Given the sensor size of the camera (e.g., full frame vs. micro 4/3), the focal length of the lens and the aperture chosen, the hyperfocal distance can be calculated. This value is the closest distance to the lens which is in focus while maintaining the furthest distance in the photograph acceptably sharp. For example, on a full frame sensor with
f/5.6 and a 24 mm focal length, the hyperfocal distance is 3.4 m. Focusing at the hyperfocal distance will result in the foreground (anything closer) being out of focus. With UAV based photographs, generally given altitudes of tens of meters above the tallest features in the landscape (e.g., trees), the entire photograph will be collected within the hyperfocal distance. For example, with a micro 4/3 sensor (such as the X5S),
f/5.6 and a 24 mm lens, the hyperfocal distance is 6.9 m. With the 15 mm lens used at Jatobá, the hyperfocal distance ranged from 2.7–3.7 m. At a flight altitude of 30 m AGL (
Figure 5a), the entire landscape was within the hyperfocal distance. Underwater, however, if the water is shallow and/or the operator is close to the substrate, care must be taken retain an acceptable focus for as much of each frame as possible. This can be achieved by calculating the DoF given a particular focal length and aperture (
Figure 16). The lens can be focused on a section of the substrate that would centre and maximize the DoF over the range of topography.

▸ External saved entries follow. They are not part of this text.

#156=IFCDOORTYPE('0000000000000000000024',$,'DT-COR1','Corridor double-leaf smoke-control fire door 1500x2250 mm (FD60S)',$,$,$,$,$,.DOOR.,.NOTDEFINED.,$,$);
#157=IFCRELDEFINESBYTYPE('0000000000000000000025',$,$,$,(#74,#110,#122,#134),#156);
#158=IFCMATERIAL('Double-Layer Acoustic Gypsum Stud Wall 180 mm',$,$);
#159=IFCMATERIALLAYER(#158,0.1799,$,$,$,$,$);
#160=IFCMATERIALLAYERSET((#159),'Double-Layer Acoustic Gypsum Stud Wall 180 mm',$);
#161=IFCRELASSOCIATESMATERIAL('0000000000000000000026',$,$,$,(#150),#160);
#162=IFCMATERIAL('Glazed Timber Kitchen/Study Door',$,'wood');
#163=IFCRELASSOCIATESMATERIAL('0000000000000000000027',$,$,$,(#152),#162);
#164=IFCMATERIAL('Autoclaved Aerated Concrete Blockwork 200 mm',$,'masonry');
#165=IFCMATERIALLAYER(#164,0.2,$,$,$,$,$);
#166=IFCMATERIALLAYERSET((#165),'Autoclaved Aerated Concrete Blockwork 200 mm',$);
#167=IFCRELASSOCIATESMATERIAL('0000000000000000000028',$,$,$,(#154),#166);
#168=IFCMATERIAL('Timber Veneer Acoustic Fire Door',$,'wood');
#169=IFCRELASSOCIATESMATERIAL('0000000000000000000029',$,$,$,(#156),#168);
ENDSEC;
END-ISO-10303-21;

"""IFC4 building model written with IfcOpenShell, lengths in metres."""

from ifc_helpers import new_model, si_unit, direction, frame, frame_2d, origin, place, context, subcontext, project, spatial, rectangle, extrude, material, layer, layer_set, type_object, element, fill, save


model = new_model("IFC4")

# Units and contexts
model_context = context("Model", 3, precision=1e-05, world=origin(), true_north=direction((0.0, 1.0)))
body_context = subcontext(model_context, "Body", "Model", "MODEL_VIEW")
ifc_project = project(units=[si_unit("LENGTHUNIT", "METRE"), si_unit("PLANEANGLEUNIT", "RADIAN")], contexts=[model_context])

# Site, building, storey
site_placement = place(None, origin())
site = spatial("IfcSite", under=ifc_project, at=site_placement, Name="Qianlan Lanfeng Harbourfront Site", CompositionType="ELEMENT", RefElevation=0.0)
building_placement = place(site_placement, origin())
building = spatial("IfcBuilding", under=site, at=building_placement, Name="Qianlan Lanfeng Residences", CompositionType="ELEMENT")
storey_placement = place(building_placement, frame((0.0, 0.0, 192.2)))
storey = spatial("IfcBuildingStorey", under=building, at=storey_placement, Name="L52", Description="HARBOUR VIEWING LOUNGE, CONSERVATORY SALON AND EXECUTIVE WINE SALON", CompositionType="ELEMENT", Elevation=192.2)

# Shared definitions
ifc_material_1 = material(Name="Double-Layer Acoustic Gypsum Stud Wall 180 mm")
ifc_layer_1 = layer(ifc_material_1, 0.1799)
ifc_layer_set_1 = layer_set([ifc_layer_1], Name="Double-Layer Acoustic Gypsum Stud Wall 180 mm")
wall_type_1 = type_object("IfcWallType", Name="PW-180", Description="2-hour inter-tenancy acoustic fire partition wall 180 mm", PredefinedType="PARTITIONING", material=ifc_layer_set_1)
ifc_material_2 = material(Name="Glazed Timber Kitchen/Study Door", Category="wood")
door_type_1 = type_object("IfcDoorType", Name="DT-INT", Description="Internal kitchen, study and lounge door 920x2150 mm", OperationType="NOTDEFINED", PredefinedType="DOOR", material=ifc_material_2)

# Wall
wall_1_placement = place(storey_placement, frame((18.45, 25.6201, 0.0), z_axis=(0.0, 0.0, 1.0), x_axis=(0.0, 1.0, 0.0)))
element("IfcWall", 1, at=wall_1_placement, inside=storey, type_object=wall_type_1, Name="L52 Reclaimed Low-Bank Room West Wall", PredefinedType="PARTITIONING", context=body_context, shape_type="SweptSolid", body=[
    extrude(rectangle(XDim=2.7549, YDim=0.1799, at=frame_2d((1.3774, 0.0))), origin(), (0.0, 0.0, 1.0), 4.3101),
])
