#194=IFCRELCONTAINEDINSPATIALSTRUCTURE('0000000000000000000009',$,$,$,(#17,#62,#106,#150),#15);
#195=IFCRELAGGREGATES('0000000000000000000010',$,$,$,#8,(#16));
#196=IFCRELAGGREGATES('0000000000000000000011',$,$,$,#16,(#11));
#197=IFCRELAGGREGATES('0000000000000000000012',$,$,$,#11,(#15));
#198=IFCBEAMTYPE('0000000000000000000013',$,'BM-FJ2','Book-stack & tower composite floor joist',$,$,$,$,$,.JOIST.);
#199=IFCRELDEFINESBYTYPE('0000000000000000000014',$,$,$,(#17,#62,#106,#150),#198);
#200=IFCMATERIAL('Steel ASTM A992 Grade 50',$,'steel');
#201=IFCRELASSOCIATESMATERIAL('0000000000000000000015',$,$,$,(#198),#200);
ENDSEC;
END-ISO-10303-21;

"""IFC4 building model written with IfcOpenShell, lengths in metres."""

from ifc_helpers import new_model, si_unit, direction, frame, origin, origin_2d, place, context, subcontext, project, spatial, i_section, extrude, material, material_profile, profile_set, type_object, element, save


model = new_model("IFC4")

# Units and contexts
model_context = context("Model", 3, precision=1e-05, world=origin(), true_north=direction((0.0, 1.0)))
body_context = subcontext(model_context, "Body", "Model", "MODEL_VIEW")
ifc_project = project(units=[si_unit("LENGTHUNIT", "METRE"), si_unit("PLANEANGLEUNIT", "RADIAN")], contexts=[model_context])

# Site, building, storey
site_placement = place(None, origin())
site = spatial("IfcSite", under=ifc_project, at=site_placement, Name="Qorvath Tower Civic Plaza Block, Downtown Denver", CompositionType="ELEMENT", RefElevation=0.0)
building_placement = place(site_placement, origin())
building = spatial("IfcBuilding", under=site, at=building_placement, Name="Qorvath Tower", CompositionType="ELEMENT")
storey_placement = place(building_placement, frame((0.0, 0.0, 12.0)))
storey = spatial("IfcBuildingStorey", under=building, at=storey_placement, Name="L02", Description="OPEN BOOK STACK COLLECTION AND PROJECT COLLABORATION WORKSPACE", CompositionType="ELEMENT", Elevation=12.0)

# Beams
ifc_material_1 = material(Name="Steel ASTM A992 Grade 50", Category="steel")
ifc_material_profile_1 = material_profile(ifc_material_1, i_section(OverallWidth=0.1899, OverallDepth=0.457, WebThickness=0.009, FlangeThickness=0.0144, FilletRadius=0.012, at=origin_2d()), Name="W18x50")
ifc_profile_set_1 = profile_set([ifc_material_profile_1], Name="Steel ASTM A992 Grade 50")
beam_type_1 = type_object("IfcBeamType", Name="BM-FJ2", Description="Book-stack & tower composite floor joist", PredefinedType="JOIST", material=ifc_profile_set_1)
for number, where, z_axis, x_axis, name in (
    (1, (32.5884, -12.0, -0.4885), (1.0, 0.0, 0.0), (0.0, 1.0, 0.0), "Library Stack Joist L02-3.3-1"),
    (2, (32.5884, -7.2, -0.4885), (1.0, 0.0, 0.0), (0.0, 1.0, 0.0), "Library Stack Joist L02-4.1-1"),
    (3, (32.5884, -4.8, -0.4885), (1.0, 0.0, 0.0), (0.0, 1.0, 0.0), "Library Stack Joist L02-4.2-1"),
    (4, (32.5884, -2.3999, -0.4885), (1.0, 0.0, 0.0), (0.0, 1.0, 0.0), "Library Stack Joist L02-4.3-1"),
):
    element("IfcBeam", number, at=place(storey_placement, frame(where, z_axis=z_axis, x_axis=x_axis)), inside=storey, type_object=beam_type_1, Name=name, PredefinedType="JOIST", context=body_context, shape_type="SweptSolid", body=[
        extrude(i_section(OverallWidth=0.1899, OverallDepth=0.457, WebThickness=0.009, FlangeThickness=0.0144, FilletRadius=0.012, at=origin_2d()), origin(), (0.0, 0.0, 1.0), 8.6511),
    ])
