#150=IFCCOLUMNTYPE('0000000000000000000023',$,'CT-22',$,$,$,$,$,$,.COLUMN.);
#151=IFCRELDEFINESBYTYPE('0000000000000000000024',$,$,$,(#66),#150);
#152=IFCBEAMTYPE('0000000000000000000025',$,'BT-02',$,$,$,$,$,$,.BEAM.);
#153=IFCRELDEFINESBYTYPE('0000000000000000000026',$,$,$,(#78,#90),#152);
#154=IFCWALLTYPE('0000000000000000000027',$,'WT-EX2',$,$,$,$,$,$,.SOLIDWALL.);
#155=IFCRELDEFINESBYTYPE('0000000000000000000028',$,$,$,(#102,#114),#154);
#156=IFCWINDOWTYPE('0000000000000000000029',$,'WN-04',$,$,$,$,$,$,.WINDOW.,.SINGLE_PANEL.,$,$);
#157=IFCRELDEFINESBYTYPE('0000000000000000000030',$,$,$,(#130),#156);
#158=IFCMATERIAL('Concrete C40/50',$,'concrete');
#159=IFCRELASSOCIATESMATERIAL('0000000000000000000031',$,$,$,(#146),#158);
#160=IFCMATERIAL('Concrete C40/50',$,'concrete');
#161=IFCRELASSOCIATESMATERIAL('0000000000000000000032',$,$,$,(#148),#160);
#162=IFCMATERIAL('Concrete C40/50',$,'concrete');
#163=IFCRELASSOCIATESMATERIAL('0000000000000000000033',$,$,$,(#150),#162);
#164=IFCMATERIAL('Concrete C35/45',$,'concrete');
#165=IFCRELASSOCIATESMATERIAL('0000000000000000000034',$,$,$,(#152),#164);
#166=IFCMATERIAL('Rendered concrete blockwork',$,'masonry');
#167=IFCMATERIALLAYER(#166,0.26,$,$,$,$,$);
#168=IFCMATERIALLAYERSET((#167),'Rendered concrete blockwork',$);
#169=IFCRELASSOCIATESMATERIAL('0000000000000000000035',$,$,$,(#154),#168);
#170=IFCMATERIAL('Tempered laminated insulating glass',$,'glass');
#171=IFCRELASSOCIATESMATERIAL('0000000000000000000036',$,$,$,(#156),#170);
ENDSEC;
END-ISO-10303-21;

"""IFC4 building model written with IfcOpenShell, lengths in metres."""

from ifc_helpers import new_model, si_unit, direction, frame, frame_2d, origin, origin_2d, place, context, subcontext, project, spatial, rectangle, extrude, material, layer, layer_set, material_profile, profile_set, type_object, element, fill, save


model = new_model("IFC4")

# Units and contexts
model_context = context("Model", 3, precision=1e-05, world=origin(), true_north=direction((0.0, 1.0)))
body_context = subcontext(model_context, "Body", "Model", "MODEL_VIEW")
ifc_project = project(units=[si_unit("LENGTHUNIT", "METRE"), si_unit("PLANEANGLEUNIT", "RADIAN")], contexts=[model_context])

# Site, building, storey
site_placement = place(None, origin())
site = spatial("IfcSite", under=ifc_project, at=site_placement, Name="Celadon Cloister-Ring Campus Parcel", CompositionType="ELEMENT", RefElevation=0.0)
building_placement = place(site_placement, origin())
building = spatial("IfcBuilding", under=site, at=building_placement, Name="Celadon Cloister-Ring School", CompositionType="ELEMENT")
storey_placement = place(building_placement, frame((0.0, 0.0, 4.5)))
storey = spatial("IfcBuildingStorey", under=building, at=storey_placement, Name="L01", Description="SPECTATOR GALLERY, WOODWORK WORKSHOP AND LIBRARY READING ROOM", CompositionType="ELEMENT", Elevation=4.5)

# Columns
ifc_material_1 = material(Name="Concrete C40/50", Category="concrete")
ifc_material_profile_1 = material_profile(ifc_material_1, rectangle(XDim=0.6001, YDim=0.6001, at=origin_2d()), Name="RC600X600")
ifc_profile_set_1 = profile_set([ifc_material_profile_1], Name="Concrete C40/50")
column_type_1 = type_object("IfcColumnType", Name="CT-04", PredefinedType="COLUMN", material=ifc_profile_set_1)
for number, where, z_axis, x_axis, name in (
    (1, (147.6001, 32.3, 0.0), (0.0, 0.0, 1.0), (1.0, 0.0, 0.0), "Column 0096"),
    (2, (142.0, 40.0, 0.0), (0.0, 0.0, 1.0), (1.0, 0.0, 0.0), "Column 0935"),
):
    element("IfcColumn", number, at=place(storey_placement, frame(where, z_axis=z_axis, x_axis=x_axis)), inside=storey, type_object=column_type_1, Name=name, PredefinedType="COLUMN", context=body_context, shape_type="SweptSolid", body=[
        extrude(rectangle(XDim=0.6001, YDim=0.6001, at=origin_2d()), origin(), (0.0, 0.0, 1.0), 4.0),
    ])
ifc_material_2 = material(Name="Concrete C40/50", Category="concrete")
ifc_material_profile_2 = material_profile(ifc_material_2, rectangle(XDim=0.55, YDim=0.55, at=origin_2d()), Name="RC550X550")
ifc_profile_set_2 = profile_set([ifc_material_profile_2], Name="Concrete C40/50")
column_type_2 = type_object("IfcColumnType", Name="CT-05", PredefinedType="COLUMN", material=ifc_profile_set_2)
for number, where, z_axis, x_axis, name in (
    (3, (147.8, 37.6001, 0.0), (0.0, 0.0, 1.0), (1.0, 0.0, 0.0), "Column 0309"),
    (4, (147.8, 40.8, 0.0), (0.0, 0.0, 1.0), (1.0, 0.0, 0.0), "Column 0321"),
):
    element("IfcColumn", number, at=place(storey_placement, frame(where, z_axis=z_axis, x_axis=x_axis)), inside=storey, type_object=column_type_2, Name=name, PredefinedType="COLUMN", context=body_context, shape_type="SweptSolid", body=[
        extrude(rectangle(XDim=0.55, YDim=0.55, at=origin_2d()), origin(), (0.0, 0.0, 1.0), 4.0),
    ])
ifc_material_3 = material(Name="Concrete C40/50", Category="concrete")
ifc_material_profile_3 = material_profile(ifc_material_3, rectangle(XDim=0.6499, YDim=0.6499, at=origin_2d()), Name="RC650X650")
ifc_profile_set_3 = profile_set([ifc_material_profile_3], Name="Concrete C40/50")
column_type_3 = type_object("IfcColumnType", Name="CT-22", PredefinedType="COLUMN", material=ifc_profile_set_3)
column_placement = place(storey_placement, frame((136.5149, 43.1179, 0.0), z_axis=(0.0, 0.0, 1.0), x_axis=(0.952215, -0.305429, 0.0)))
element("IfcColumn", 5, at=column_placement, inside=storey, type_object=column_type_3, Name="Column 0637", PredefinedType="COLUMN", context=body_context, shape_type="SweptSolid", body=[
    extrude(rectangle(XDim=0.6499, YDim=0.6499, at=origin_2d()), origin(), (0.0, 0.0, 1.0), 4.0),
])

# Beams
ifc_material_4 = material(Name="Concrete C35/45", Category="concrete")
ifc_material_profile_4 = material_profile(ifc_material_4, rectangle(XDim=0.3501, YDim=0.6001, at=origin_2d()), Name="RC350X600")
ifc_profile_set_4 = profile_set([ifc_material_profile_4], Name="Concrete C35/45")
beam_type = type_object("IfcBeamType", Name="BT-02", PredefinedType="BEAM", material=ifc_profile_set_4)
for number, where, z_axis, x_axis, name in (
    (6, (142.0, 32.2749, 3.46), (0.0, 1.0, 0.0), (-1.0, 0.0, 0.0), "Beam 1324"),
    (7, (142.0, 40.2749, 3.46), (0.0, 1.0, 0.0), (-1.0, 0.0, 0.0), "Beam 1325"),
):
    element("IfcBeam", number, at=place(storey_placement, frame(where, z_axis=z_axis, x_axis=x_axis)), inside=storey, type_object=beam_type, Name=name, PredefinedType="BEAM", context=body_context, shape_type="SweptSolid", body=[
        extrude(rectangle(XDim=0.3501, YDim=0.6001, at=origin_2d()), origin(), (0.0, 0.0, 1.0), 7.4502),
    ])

The shutter speed should be fast enough to freeze motion; this is fundamentally important to ensure the frames are in focus. At least 1/125 sec or faster should be used for underwater photography whenever possible. Photographs should be taken under the brightest illumination conditions available taking into consideration water depth and clarity. And, if possible, flash should be avoided because shadows from the objects or structures created by the flash will change with each perspective from which the frames are taken and reduce the likelihood of matching keypoints. Diffusing the flash from the strobes can help to mitigate the harsh shadows if they must be used. Lastly, variable focal length lenses could result in deterioration of the SfM-MVS model over a fixed focal length lens. However, with the use of a lens with high quality optics, high sharpness, low distortion and low chromatic aberration the difference should be minimal.